The people charged with rebuilding New Orleans seem enthralled by this mirage. They serve on committees--Mayor Ray Nagin's and Governor Kathleen Blanco's--with overlapping purviews and dubious authority. But despite their rivalries, the committees agree on at least one point: Levees must be top priority. Scott Cowen, Tulane University's president and part of Nagin's commission, suggests that without better levees other proposals--"world-class public education," improved housing, burnishing the city's "cultural ambience"--will be pointless. Andy Kopplin, executive director of the governor's panel, concurs: "We have to rebuild levees first, so people believe they're safe." To anyone familiar with the city's ecological history, this sounds like a recipe for more disasters.

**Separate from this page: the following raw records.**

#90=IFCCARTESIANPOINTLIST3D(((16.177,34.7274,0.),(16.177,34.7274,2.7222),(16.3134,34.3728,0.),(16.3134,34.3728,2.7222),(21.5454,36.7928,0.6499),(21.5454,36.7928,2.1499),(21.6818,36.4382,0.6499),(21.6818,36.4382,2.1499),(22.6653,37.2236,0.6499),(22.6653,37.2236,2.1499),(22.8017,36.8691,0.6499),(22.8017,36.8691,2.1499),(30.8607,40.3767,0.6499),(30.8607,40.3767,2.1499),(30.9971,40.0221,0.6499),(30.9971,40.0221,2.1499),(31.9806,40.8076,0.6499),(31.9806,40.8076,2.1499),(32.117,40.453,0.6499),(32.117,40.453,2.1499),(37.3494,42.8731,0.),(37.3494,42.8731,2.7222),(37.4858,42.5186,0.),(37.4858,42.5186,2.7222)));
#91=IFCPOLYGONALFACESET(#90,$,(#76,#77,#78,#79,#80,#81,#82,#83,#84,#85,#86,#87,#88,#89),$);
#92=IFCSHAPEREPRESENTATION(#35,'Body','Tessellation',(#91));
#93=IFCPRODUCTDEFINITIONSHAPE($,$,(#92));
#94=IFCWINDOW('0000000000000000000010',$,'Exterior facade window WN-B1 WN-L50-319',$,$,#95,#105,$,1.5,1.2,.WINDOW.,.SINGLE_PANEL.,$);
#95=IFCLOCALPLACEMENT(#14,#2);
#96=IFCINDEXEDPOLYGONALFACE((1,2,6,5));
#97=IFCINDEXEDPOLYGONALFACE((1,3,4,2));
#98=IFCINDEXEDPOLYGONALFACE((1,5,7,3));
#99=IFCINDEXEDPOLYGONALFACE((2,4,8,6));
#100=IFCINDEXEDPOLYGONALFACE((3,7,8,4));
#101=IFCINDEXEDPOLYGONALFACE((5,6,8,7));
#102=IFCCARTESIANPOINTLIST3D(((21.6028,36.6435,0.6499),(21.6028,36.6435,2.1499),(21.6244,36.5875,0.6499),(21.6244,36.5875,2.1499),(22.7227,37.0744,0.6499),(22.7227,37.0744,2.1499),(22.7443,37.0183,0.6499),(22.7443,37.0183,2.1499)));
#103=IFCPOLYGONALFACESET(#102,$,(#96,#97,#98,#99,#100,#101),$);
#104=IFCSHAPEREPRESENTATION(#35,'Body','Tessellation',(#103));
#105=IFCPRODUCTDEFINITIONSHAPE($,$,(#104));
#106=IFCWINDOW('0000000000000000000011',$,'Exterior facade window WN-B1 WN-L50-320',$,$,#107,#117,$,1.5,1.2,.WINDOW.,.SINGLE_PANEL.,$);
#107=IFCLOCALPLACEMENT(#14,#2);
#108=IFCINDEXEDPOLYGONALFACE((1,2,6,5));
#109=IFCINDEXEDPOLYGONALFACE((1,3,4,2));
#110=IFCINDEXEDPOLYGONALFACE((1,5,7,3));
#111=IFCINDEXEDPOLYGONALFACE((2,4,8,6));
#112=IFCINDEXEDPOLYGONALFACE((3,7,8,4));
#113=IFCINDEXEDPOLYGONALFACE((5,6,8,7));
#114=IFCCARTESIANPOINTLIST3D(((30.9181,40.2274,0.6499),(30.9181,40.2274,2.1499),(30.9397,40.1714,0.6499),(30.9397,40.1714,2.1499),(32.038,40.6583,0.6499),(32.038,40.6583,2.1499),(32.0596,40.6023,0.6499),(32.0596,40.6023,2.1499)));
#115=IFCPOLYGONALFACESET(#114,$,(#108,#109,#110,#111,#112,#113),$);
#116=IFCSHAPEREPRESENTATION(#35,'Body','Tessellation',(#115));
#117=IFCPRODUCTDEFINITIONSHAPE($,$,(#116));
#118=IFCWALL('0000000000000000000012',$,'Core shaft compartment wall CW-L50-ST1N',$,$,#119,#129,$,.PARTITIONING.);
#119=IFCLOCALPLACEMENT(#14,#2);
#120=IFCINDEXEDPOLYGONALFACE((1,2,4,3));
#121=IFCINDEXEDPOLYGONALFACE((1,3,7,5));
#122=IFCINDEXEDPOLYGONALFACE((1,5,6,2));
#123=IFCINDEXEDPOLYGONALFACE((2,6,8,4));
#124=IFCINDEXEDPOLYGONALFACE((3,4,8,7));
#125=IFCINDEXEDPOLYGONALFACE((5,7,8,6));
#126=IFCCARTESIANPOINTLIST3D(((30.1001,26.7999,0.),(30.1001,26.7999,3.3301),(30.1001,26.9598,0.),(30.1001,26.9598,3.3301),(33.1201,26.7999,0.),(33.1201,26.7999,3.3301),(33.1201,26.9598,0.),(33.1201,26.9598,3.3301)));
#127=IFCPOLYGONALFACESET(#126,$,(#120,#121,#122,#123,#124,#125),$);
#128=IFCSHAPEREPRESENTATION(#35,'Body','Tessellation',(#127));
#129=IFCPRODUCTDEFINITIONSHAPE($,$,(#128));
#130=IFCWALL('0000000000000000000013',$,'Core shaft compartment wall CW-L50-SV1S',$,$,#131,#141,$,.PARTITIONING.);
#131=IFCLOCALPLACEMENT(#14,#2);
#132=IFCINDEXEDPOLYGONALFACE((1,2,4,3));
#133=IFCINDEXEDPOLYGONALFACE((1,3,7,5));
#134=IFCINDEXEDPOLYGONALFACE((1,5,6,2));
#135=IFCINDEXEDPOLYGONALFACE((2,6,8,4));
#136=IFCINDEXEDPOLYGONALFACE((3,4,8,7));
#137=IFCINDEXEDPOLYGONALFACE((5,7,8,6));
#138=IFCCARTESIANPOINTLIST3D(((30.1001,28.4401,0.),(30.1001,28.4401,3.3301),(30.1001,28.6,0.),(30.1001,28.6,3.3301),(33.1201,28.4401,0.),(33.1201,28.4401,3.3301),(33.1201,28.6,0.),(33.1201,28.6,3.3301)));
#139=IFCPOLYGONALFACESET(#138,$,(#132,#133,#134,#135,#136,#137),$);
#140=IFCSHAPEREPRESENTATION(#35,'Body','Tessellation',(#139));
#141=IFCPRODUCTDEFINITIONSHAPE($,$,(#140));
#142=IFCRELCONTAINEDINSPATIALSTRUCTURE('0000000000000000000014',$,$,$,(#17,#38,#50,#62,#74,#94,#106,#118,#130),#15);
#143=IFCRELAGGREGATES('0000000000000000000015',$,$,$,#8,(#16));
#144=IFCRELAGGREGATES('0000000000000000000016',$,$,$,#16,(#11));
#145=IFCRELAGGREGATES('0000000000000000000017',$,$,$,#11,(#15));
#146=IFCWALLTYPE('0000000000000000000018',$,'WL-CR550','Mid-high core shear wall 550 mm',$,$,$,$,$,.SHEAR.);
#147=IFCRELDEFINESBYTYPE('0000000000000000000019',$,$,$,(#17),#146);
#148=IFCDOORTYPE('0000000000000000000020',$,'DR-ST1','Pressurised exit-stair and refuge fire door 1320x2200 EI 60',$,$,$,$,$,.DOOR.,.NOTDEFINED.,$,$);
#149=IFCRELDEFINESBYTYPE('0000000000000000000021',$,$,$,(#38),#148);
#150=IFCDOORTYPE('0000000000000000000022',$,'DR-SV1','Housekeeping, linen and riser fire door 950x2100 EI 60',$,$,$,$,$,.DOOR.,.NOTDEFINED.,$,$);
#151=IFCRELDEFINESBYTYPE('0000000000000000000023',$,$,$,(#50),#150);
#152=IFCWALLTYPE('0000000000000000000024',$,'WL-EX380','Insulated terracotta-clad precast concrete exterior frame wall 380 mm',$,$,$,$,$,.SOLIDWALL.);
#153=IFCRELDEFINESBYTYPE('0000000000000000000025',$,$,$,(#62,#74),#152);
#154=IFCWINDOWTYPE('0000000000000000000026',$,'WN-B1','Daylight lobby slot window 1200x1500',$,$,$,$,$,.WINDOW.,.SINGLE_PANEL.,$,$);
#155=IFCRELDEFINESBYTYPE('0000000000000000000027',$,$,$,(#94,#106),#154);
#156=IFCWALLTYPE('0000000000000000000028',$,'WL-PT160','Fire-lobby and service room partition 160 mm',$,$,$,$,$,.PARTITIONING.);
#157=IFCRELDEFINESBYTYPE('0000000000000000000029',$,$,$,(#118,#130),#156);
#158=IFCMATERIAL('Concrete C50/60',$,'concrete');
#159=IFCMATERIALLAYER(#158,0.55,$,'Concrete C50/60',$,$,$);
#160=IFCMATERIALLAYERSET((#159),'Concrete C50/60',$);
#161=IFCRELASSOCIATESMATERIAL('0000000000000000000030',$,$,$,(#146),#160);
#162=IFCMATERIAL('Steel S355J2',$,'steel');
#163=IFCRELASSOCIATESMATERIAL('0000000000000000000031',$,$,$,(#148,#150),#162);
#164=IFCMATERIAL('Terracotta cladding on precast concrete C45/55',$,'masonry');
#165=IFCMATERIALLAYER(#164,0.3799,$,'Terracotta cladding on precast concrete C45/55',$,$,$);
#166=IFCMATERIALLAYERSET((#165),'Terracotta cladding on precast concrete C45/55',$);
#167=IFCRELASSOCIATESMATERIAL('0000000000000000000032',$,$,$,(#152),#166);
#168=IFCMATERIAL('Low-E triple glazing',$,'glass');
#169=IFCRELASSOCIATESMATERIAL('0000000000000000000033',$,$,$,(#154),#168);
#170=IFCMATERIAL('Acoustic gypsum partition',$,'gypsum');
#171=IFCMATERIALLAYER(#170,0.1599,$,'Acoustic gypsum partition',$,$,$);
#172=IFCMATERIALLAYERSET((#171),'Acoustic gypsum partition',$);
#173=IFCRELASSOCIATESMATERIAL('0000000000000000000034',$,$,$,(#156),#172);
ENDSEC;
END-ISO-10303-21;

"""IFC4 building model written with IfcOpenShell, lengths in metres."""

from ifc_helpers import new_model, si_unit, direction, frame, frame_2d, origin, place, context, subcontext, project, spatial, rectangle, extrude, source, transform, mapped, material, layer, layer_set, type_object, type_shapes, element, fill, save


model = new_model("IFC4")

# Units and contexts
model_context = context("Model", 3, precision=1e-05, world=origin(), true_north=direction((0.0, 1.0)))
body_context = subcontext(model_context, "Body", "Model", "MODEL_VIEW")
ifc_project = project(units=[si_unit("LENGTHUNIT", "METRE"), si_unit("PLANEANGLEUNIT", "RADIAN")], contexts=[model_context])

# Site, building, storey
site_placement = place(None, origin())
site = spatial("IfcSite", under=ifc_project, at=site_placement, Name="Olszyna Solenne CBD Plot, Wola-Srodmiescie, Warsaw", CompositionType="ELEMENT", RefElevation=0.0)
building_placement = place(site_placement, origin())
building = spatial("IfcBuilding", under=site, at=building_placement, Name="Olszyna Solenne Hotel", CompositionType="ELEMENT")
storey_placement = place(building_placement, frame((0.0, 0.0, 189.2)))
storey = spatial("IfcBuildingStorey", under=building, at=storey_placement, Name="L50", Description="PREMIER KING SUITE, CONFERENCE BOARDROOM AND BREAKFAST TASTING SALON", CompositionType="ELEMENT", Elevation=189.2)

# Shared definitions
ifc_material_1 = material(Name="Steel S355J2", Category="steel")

From the first, New Orleanians augmented the levees. The project accelerated after an 1849 flood soaked the city for months. Federal authorities, alarmed by the inactivity of the nation's busiest port, sponsored two river studies. The first advocated multi-tiered flood control: levees, spillways and "reservoirs," swaths of wetlands acting like sponges. The second, penned by a future head of the Army Corps of Engineers, was more palatable at a time when wetlands were deemed wasteland. So began a policy known as "levees only." By 1900 New Orleans had levees taller than nearby houses. The river and lake had disappeared behind miniature mountains.

Just one problem: They didn't work. The river became more dangerous, and New Orleans less safe. With its water trapped behind levees, the Mississippi rose higher than ever. But you couldn't tell that to New Orleanians. Not even the huge 1927 flood fully changed their minds. That year the city dynamited a levee fifteen miles downstream, lowering the engorged river and destroying Plaquemines and St. Bernard parishes. The city had purchased its safety by sacrificing its poorer neighbors. (This event has fueled rumors in the Ninth Ward, where some residents and evacuees believe the levee fronting their district was destroyed after Katrina to protect wealthier, whiter areas.)